Caesalpinia L.

Commemorating Andrea Caesalpino (1519–1603), Professor of Botany, Padua, Italy, and physician to Pope Clement VIII.

Trees, shrubs or climbers, usually with prickles. Leaves bipinnate or reduced to scales; stipules small or leafy. Leaflets mostly opposite. Flower clusters terminal or axillary, sometimes branched, rarely solitary. Flowers mostly bisexual, red or yellow. Sepals 5. Petals 5. Stamens 10, free, filaments hairy, alternately long and short. Fruit pods variable, mostly flattened and hard.

Grown in warm-climate districts for the delicate foliage and attractive flowers.

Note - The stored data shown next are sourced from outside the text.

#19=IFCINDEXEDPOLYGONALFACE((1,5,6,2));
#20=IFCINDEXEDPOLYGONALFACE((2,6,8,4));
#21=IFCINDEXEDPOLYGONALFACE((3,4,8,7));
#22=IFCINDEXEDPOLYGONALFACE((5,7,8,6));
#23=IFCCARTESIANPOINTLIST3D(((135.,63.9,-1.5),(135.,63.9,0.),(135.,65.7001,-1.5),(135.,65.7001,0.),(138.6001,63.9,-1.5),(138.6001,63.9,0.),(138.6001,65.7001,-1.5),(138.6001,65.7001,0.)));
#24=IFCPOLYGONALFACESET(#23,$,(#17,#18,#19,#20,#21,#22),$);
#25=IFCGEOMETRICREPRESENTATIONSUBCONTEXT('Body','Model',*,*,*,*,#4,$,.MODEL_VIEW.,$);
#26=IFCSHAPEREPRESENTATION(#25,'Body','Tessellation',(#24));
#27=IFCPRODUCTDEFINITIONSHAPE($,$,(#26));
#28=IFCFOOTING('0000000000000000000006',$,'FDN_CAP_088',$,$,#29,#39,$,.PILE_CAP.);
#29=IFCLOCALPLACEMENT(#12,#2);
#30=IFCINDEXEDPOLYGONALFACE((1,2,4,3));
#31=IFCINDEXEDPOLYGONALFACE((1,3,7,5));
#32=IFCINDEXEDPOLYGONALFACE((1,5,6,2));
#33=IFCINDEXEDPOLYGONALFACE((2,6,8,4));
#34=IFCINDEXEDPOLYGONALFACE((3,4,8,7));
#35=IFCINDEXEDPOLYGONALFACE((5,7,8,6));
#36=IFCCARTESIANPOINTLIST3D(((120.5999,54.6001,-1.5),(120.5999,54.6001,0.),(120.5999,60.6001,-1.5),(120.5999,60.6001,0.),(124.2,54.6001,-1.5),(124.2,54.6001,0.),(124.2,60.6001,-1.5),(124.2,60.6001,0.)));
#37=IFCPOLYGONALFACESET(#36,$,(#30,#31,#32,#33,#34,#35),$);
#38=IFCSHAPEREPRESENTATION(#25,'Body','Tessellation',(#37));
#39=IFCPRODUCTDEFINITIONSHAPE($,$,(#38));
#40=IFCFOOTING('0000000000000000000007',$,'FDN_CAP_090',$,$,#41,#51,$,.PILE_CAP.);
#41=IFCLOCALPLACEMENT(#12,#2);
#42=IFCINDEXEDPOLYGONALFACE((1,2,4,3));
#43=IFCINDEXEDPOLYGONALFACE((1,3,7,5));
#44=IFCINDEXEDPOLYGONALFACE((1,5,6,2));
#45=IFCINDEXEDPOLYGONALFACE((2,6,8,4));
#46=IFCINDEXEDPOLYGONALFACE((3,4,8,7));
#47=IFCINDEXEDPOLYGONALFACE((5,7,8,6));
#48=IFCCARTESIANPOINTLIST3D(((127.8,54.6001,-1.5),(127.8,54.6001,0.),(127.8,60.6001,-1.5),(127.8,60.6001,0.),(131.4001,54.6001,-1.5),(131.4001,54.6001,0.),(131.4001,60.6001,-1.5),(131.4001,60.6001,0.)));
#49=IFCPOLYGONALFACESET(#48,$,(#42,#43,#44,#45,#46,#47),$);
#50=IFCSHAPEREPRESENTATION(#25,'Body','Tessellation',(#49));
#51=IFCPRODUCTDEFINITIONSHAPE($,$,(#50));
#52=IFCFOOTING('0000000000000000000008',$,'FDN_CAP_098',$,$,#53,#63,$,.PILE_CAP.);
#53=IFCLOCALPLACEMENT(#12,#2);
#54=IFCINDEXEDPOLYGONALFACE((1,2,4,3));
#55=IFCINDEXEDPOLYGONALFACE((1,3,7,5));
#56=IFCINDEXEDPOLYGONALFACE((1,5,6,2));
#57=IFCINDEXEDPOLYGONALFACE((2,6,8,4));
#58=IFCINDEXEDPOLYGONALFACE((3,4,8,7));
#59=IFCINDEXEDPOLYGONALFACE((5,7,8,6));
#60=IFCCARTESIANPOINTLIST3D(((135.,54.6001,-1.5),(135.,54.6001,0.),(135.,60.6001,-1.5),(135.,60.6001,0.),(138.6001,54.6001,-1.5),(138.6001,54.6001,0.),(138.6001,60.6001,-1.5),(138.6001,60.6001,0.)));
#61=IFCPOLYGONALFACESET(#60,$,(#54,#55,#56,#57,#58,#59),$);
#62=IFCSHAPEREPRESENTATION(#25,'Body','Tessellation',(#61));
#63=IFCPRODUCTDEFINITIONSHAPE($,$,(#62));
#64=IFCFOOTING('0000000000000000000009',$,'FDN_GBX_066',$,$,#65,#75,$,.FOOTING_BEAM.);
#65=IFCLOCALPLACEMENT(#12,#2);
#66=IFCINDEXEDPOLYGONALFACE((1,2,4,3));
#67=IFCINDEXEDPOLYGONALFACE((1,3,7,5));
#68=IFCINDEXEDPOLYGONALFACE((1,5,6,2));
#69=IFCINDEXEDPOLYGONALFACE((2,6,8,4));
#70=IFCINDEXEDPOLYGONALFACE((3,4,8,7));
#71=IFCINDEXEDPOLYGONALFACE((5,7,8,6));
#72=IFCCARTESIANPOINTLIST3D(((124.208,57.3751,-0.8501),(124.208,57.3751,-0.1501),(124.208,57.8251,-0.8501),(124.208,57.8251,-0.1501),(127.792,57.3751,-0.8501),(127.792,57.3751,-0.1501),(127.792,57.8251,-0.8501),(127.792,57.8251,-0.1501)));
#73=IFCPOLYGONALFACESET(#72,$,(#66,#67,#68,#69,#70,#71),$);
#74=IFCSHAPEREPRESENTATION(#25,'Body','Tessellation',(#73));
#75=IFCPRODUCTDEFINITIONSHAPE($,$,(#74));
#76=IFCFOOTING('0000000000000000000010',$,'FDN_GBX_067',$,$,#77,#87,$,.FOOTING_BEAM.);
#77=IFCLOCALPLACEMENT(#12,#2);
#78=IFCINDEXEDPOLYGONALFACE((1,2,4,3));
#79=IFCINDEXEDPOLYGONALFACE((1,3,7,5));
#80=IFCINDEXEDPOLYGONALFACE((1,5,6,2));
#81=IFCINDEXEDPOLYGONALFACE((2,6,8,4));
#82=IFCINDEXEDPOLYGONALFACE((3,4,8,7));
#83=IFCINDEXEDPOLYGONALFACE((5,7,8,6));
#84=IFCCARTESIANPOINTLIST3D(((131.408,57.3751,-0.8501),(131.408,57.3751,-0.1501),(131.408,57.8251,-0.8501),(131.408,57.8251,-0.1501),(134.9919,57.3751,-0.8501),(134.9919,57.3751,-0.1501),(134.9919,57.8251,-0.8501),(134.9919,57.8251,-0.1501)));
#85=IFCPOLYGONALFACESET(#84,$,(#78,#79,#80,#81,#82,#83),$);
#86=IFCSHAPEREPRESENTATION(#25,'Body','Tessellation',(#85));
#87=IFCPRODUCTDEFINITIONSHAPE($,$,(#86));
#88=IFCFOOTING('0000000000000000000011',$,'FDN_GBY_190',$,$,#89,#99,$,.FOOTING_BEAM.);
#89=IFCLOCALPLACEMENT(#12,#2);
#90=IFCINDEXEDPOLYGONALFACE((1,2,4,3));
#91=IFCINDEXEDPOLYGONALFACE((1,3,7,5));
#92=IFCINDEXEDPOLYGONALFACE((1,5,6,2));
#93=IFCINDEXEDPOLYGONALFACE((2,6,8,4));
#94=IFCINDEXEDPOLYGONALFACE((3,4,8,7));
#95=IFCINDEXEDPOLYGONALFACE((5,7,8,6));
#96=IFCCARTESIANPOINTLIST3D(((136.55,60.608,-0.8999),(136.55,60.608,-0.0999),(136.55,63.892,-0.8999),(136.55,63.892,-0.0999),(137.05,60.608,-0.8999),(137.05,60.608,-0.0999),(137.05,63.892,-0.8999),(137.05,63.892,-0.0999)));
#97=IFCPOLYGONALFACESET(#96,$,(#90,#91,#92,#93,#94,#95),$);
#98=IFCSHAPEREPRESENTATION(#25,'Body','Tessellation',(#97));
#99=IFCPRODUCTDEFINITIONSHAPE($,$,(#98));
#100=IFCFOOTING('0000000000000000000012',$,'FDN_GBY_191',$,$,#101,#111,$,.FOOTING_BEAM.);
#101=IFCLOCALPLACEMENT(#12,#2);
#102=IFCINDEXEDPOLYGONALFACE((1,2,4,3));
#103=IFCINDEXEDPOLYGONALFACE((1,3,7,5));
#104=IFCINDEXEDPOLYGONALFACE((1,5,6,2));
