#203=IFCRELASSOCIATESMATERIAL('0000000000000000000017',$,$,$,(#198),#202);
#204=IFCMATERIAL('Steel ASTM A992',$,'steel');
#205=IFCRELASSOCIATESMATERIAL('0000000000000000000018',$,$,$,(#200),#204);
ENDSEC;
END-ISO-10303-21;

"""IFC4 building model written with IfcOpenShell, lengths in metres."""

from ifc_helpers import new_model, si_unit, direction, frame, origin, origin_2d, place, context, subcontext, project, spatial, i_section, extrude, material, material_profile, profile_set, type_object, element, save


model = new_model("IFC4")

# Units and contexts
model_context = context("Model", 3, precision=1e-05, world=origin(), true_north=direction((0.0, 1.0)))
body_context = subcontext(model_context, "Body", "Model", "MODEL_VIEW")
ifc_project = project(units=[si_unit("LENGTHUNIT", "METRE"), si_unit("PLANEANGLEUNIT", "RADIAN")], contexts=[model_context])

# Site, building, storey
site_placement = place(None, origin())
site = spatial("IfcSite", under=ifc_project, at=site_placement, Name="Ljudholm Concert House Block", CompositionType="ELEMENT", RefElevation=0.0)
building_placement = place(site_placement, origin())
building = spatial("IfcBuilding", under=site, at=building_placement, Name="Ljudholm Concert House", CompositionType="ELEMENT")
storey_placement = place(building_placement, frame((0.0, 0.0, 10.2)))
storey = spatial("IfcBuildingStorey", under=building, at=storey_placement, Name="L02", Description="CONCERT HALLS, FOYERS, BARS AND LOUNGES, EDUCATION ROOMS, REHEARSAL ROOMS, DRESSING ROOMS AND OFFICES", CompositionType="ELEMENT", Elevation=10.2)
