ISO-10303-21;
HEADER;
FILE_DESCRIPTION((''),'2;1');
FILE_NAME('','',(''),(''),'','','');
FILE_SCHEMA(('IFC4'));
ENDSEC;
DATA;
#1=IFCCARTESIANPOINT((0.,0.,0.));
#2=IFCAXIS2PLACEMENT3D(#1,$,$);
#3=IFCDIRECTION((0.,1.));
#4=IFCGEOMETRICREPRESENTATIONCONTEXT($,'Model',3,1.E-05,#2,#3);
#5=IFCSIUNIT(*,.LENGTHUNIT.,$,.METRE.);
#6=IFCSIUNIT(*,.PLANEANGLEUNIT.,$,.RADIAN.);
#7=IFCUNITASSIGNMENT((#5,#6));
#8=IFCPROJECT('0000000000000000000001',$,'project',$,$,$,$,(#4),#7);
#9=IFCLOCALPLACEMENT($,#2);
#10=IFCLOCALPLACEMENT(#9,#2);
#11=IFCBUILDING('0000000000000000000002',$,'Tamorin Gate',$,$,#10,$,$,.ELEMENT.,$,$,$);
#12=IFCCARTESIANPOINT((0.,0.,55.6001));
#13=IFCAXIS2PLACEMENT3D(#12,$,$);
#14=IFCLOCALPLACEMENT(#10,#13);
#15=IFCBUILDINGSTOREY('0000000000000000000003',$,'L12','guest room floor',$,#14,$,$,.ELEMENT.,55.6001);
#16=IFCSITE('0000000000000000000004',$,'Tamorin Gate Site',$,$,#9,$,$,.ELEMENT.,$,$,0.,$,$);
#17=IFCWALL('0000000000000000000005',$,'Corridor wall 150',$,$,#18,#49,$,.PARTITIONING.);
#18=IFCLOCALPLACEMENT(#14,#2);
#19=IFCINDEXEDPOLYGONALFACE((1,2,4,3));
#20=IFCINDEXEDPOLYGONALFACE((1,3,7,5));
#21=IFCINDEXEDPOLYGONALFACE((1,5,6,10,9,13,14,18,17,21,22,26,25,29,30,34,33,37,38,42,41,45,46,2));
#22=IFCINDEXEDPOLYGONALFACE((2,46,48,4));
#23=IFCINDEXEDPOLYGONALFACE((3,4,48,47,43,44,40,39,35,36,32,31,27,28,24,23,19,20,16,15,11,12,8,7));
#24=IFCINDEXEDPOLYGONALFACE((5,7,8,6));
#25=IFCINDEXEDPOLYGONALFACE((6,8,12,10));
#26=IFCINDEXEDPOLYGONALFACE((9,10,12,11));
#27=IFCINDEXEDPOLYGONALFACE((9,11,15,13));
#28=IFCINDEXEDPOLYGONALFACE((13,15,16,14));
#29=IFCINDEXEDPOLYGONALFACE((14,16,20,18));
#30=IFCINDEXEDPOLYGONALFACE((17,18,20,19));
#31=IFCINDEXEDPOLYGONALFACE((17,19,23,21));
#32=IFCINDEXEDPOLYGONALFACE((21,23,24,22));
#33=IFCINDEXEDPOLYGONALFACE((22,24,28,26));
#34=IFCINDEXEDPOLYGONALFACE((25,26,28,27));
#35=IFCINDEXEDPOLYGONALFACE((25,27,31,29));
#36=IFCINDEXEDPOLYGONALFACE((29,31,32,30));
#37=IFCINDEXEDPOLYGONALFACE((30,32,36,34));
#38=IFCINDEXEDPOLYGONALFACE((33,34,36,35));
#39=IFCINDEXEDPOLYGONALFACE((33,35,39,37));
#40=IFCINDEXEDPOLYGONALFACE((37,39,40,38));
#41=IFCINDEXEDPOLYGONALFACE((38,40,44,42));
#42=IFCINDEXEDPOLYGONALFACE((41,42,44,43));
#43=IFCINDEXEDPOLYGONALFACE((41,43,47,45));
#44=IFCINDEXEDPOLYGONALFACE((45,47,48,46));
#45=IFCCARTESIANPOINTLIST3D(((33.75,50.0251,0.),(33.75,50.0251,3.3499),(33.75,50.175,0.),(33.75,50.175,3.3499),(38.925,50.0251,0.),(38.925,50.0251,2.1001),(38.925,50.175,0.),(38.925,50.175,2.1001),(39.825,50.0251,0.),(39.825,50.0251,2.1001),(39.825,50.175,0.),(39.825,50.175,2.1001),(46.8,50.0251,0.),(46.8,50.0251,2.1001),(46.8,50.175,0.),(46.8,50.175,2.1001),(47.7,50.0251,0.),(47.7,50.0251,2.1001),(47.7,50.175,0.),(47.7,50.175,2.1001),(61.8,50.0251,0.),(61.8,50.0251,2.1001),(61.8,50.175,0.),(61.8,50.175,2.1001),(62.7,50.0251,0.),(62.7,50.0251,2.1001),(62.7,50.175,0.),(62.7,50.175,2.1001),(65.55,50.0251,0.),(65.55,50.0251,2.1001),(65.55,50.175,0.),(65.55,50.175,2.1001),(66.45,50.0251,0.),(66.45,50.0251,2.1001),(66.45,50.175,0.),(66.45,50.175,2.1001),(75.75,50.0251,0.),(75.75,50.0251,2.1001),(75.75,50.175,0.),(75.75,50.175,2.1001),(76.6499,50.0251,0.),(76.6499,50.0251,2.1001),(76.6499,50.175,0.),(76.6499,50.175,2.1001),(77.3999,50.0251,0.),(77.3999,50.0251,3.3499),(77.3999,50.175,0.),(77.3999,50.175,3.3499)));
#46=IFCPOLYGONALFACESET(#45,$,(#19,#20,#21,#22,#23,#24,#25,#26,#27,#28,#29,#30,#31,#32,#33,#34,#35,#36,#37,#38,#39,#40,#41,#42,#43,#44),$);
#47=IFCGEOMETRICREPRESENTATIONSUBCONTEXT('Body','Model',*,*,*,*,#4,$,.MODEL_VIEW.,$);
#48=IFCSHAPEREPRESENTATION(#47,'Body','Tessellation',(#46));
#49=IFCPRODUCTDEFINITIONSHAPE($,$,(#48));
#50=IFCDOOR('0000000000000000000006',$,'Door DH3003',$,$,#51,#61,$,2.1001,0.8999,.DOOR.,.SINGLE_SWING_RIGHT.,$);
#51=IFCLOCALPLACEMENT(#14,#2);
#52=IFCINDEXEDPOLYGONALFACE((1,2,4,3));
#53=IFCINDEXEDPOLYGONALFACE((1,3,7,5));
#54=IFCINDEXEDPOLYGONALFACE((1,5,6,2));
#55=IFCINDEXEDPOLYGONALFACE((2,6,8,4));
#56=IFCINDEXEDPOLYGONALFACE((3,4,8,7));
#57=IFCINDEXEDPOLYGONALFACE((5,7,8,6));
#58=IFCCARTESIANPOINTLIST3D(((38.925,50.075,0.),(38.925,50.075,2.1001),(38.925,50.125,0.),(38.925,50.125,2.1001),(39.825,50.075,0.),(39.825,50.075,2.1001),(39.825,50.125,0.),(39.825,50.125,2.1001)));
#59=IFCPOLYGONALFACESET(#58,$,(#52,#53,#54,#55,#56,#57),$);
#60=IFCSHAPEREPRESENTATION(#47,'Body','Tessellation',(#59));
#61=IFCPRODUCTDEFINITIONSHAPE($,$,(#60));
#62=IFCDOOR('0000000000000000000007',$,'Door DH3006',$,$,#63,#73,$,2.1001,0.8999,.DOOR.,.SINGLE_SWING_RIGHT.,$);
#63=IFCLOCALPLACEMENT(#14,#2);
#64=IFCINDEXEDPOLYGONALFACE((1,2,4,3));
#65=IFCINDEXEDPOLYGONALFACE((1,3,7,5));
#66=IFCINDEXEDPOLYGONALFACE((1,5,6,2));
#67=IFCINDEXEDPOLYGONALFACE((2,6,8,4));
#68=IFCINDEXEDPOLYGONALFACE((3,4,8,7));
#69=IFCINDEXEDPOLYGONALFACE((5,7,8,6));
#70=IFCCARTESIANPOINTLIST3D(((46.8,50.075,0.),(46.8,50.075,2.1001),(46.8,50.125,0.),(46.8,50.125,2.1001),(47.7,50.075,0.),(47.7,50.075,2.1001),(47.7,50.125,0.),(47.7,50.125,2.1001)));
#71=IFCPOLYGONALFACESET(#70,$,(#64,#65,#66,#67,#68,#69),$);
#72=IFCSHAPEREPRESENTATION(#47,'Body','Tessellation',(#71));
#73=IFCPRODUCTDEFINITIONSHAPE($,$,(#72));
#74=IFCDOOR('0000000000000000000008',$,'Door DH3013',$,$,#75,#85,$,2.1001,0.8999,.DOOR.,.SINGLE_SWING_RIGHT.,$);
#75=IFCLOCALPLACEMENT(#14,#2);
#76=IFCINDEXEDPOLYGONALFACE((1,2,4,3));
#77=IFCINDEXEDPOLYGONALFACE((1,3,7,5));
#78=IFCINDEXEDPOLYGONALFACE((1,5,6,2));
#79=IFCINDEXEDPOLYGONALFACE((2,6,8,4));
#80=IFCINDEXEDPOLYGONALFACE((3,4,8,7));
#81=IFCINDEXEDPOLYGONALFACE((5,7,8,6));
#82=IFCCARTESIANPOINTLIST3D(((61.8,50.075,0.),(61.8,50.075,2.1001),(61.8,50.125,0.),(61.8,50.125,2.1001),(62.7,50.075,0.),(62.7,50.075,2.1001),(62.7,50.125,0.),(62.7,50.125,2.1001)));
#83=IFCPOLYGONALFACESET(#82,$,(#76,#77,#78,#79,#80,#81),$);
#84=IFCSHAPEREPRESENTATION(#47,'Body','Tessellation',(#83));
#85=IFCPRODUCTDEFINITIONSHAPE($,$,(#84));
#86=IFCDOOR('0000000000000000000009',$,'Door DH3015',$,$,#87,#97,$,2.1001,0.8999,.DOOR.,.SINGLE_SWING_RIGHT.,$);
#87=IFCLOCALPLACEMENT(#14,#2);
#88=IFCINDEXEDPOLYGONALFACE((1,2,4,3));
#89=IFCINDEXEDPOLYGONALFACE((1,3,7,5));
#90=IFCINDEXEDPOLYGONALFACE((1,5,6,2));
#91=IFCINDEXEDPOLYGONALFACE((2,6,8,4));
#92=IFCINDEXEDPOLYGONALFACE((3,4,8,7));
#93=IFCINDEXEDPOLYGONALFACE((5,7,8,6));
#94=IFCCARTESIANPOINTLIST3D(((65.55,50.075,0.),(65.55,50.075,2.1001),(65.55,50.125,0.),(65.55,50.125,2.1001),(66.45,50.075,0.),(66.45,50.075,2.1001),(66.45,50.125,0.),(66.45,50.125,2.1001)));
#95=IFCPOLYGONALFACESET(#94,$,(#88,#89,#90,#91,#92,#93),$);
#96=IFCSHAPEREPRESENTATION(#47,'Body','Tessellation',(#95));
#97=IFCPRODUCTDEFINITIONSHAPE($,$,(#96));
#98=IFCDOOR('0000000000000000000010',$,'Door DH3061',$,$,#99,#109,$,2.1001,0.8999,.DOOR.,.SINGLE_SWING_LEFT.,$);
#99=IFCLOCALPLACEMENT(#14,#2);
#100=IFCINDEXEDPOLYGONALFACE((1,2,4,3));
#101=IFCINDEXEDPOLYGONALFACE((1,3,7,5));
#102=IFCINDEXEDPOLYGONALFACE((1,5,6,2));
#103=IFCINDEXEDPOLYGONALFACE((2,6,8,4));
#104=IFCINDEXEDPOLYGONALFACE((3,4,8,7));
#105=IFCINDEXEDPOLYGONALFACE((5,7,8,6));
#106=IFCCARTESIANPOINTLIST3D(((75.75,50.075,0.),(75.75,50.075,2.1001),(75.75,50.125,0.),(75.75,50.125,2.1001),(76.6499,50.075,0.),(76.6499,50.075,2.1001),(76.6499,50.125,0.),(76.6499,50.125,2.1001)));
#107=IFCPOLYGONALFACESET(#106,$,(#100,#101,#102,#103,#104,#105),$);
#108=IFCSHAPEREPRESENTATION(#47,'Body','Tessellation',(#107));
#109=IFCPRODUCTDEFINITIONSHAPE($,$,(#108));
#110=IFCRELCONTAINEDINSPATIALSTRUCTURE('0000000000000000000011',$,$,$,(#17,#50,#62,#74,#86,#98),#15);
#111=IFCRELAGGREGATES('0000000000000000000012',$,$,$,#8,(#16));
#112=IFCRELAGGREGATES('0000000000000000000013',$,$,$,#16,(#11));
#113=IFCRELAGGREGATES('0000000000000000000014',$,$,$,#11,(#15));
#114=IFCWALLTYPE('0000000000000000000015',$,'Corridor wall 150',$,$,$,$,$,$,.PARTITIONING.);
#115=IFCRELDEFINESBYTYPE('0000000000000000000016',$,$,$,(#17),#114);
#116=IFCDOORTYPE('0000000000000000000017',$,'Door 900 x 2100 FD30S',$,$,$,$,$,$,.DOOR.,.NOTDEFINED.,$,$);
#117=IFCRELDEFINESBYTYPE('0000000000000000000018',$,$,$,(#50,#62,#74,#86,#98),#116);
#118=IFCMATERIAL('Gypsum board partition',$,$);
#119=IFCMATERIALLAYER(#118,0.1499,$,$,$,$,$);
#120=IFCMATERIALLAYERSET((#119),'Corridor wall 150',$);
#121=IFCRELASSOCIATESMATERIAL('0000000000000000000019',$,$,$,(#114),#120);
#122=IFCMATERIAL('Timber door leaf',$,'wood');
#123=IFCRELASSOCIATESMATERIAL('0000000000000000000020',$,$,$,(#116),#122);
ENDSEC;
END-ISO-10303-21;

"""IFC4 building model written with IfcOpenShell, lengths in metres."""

from ifc_helpers import new_model, si_unit, direction, frame, frame_2d, origin, place, context, subcontext, project, spatial, rectangle, extrude, material, layer, layer_set, type_object, element, fill, save


model = new_model("IFC4")

# Units and contexts
model_context = context("Model", 3, precision=1e-05, world=origin(), true_north=direction((0.0, 1.0)))
body_context = subcontext(model_context, "Body", "Model", "MODEL_VIEW")
ifc_project = project(units=[si_unit("LENGTHUNIT", "METRE"), si_unit("PLANEANGLEUNIT", "RADIAN")], contexts=[model_context])

# Site, building, storey
site_placement = place(None, origin())
site = spatial("IfcSite", under=ifc_project, at=site_placement, Name="Tamorin Gate Site", CompositionType="ELEMENT", RefElevation=0.0)
building_placement = place(site_placement, origin())
building = spatial("IfcBuilding", under=site, at=building_placement, Name="Tamorin Gate", CompositionType="ELEMENT")
storey_placement = place(building_placement, frame((0.0, 0.0, 55.6001)))
storey = spatial("IfcBuildingStorey", under=building, at=storey_placement, Name="L12", Description="guest room floor", CompositionType="ELEMENT", Elevation=55.6001)

# Wall, openings, doors
ifc_material_1 = material(Name="Gypsum board partition")
ifc_layer_1 = layer(ifc_material_1, 0.1499)
ifc_layer_set_1 = layer_set([ifc_layer_1], Name="Corridor wall 150")
wall_type_1 = type_object("IfcWallType", Name="Corridor wall 150", PredefinedType="PARTITIONING", material=ifc_layer_set_1)
wall_1_placement = place(storey_placement, frame((33.75, 50.1001, 0.0), z_axis=(0.0, 0.0, 1.0), x_axis=(1.0, 0.0, 0.0)))
wall_1 = element("IfcWall", 1, at=wall_1_placement, inside=storey, type_object=wall_type_1, Name="Corridor wall 150", PredefinedType="PARTITIONING", context=body_context, shape_type="SweptSolid", body=[
    extrude(rectangle(XDim=43.6499, YDim=0.1499, at=frame_2d((21.825, 0.0))), origin(), (0.0, 0.0, 1.0), 3.3499),
])
opening_1_placement = place(wall_1_placement, frame((5.175, 0.0, 0.0)))
opening_1 = element("IfcOpeningElement", 2, at=opening_1_placement, cuts=wall_1, PredefinedType="OPENING", context=body_context, shape_type="SweptSolid", body=[
    extrude(rectangle(XDim=0.8999, YDim=2.1001, at=frame_2d((0.45, 1.05))), frame((0.0, 0.085, 0.0), z_axis=(0.0, -1.0, 0.0), x_axis=(1.0, 0.0, 0.0)), (0.0, 0.0, 1.0), 0.1699),
])
opening_2_placement = place(wall_1_placement, frame((13.05, 0.0, 0.0)))
opening_2 = element("IfcOpeningElement", 3, at=opening_2_placement, cuts=wall_1, PredefinedType="OPENING", context=body_context, shape_type="SweptSolid", body=[
    extrude(rectangle(XDim=0.8999, YDim=2.1001, at=frame_2d((0.45, 1.05))), frame((0.0, 0.085, 0.0), z_axis=(0.0, -1.0, 0.0), x_axis=(1.0, 0.0, 0.0)), (0.0, 0.0, 1.0), 0.1699),
])
opening_3_placement = place(wall_1_placement, frame((28.05, 0.0, 0.0)))
opening_3 = element("IfcOpeningElement", 4, at=opening_3_placement, cuts=wall_1, PredefinedType="OPENING", context=body_context, shape_type="SweptSolid", body=[
    extrude(rectangle(XDim=0.8999, YDim=2.1001, at=frame_2d((0.45, 1.05))), frame((0.0, 0.085, 0.0), z_axis=(0.0, -1.0, 0.0), x_axis=(1.0, 0.0, 0.0)), (0.0, 0.0, 1.0), 0.1699),
])
opening_4_placement = place(wall_1_placement, frame((31.8, 0.0, 0.0)))
opening_4 = element("IfcOpeningElement", 5, at=opening_4_placement, cuts=wall_1, PredefinedType="OPENING", context=body_context, shape_type="SweptSolid", body=[
    extrude(rectangle(XDim=0.8999, YDim=2.1001, at=frame_2d((0.45, 1.05))), frame((0.0, 0.085, 0.0), z_axis=(0.0, -1.0, 0.0), x_axis=(1.0, 0.0, 0.0)), (0.0, 0.0, 1.0), 0.1699),
])
opening_5_placement = place(wall_1_placement, frame((42.0, 0.0, 0.0)))
opening_5 = element("IfcOpeningElement", 6, at=opening_5_placement, cuts=wall_1, PredefinedType="OPENING", context=body_context, shape_type="SweptSolid", body=[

Species occasionally grown include the following: C. ferrea Mart., Brazilian Ironwood, which is spineless and a useful street tree; C. gilliesii (Hook.) Benth., Bird of Paradise Shrub, from Argentina and Uruguay, a spineless shrub to 3 m tall with yellow petals and red stamens, naturalised in a few spots of inland Australia; and C. pulcherrima (L.) Swartz, Pride of Barbados, a slightly prickly shrub or small tree with petals usually red with yellow margins and stamens bright red, occasionally all pink or yellow.

About 100 species from the tropics; Australia has 10 species.

Pre-soaked seed.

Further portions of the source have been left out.